There is no end-date to the campaign, but officials at the Evanston-based institution said they hope the goal will be reached within five years, The Chicago Tribune reported. The money raised will be used for a series of new buildings and renovations while also endowing professorships, creating scholarships and supporting research, among other plans.

"We have some big plans," Northwestern President Morton Schapiro told the Tribune. "We were thinking about all these great ideas, and how much each budget would need to be. You add it up and it's an enormous number.  At the end of this decade, this place will be greater than it is now."

The money raised will pay for new buildings, including an athletics and recreation complex along Lake Michigan; student scholarships, including more aid for students from Chicago and abroad; endowed faculty positions; and research and academic programs in areas as diverse as biomedicine and music.

The school currently provides nearly $300 million annually in student scholarships and fellowships, most of which comes from general revenue. The school wants to increase the amount of scholarships funded by endowments in order to have a steady stream of income to pay for financial aid in the future.

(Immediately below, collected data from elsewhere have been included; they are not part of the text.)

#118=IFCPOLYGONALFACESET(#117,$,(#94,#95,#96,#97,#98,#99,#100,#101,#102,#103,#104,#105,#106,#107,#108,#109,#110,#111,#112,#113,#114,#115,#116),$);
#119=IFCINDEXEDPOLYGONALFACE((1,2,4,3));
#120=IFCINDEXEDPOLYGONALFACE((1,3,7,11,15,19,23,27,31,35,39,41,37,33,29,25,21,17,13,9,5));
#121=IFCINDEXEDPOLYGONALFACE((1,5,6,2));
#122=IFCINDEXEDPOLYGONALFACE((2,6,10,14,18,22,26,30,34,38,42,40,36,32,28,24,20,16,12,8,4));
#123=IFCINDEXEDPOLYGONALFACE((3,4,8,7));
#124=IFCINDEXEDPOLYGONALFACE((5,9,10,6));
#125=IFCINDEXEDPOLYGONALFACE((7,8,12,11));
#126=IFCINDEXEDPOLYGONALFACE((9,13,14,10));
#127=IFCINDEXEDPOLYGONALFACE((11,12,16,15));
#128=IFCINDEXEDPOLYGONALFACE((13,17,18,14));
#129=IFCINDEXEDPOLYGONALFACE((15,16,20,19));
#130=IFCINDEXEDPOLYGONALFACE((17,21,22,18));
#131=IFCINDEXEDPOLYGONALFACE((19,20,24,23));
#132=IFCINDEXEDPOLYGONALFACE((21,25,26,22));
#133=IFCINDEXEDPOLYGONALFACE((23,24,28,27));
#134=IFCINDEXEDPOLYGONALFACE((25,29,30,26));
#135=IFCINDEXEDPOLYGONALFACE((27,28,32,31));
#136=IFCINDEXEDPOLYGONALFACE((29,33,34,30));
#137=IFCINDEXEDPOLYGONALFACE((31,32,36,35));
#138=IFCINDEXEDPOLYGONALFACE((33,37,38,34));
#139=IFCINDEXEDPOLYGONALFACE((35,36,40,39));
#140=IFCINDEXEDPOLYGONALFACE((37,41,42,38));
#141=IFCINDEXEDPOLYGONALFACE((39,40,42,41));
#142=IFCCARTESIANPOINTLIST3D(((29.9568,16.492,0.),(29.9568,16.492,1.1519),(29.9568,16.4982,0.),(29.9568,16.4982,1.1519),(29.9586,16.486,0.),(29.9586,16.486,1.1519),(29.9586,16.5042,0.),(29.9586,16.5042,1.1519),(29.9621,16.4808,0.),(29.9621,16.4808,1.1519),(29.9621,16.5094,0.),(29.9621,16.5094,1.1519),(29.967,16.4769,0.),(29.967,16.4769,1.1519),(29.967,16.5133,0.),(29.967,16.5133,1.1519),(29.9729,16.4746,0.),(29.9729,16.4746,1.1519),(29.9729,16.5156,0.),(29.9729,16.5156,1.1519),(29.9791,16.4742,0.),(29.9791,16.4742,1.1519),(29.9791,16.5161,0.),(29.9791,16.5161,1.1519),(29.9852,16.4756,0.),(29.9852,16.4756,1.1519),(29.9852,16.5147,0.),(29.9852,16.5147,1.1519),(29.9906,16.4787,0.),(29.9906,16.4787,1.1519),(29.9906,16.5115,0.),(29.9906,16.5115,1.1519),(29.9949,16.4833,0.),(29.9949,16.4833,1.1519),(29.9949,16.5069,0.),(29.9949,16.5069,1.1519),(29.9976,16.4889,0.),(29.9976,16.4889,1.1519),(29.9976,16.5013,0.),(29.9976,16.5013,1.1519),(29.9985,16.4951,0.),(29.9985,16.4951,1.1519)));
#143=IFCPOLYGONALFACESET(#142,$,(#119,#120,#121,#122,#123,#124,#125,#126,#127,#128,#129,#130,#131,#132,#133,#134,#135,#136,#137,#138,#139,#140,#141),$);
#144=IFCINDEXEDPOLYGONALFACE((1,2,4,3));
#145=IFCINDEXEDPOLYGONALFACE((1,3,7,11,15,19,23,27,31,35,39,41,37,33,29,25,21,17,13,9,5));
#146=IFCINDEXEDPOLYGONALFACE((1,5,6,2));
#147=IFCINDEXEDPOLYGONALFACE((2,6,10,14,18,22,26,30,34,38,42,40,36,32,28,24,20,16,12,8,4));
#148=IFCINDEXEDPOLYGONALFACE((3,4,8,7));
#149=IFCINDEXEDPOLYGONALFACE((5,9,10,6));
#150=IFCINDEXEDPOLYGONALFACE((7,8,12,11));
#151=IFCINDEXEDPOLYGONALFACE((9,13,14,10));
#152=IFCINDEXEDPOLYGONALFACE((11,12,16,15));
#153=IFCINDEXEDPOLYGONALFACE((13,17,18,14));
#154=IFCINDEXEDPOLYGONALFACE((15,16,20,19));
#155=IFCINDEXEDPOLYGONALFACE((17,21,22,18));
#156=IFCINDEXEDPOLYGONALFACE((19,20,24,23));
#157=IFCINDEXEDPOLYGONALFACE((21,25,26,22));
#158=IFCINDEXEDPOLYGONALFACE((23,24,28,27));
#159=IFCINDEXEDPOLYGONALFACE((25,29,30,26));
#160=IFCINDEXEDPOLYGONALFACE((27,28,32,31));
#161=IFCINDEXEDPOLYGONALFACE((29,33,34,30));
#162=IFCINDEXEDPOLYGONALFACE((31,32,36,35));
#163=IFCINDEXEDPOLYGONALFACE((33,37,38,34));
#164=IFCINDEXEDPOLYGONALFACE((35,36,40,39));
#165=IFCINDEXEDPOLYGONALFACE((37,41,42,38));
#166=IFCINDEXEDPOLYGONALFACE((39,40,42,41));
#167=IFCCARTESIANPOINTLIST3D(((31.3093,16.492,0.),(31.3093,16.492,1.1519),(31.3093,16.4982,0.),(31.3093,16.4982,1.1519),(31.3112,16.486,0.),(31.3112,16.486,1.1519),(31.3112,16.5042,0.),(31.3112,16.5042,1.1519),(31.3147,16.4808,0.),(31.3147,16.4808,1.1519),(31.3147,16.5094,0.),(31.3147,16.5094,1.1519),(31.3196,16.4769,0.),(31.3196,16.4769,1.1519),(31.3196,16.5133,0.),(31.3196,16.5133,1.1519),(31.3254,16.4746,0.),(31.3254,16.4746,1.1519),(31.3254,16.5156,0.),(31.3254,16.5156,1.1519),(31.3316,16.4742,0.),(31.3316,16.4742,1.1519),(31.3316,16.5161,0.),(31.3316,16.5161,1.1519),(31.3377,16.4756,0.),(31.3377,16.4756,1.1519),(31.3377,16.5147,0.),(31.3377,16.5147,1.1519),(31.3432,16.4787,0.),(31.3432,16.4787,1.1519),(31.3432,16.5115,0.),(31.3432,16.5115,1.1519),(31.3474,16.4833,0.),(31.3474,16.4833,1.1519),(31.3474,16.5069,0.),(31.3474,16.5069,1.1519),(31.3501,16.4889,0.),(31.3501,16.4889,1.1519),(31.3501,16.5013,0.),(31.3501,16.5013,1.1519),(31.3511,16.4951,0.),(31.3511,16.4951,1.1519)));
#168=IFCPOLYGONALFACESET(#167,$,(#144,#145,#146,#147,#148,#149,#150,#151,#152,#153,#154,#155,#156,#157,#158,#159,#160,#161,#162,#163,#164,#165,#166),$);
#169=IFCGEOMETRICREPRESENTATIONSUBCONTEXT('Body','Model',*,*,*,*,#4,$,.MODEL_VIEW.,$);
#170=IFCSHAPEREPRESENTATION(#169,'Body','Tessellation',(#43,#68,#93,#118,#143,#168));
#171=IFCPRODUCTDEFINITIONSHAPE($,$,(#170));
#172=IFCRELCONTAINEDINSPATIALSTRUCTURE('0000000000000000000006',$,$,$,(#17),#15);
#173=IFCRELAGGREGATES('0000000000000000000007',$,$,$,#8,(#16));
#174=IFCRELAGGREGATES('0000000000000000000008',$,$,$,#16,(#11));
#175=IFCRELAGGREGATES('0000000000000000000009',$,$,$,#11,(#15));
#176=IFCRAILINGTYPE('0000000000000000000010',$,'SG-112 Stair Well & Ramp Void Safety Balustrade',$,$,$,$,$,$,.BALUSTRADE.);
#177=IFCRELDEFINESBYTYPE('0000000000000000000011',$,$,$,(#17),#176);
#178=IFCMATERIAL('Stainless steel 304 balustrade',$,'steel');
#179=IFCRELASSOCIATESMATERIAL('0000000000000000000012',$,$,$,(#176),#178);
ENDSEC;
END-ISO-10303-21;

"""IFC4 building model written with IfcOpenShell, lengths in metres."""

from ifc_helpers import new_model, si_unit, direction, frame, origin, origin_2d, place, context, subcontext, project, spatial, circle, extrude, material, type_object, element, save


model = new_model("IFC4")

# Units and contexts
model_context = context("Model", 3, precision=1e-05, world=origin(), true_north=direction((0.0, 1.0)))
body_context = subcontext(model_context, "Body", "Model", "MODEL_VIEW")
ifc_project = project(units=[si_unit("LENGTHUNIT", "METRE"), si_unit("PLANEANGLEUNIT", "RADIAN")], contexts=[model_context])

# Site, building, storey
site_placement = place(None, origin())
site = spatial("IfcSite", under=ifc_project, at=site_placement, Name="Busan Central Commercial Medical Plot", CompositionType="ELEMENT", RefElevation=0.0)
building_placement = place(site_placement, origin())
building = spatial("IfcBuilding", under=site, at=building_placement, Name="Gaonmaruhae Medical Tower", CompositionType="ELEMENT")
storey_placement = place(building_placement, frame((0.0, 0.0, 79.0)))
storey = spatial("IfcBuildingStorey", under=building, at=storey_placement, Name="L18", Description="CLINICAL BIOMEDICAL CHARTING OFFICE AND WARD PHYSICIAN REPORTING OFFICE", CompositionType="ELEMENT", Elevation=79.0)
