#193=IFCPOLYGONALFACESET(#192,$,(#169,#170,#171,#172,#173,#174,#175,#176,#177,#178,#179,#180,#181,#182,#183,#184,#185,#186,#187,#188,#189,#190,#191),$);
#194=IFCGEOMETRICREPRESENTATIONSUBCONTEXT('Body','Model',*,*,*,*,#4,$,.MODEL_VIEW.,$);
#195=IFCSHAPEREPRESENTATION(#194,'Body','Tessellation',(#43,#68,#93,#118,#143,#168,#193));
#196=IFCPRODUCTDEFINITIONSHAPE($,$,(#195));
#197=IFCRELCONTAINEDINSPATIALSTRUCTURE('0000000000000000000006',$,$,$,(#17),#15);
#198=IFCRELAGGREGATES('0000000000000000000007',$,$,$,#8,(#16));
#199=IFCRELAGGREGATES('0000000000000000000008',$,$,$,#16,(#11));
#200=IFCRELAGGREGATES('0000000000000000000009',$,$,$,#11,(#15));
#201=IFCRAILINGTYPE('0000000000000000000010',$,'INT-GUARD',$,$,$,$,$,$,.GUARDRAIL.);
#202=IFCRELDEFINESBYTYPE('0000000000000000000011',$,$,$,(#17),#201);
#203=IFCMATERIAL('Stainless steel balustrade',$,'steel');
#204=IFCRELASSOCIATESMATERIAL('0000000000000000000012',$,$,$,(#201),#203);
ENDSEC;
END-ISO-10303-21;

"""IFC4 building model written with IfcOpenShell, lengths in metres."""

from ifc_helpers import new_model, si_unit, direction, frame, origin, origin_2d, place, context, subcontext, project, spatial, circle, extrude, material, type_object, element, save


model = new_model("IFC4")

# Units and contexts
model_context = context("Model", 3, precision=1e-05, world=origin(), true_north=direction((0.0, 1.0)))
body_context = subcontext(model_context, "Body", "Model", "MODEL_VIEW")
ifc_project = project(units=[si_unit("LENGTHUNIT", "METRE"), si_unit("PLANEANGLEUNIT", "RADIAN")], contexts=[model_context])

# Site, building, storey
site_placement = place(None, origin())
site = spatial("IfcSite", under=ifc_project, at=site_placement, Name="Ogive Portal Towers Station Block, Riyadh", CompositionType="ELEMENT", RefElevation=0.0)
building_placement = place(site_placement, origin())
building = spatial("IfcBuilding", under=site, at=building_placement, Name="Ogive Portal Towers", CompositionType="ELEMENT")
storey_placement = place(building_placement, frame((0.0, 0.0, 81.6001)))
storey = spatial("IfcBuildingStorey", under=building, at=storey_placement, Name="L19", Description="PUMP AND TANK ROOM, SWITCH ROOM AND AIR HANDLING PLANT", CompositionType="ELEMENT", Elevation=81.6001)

"There are so many areas that people can get involved in, but the focus is on students and making sure Northwestern is affordable and has the best facilities and the best dormitories and the best learning," Christopher Combe, a Northwestern alumnus and co-chair of the campaign, told The Chicago Tribune.

The school has already secured $1.52 billion - about the entire amount raised during the school's last major fundraising effort, which ended in 2003, The Chicago Tribune reported.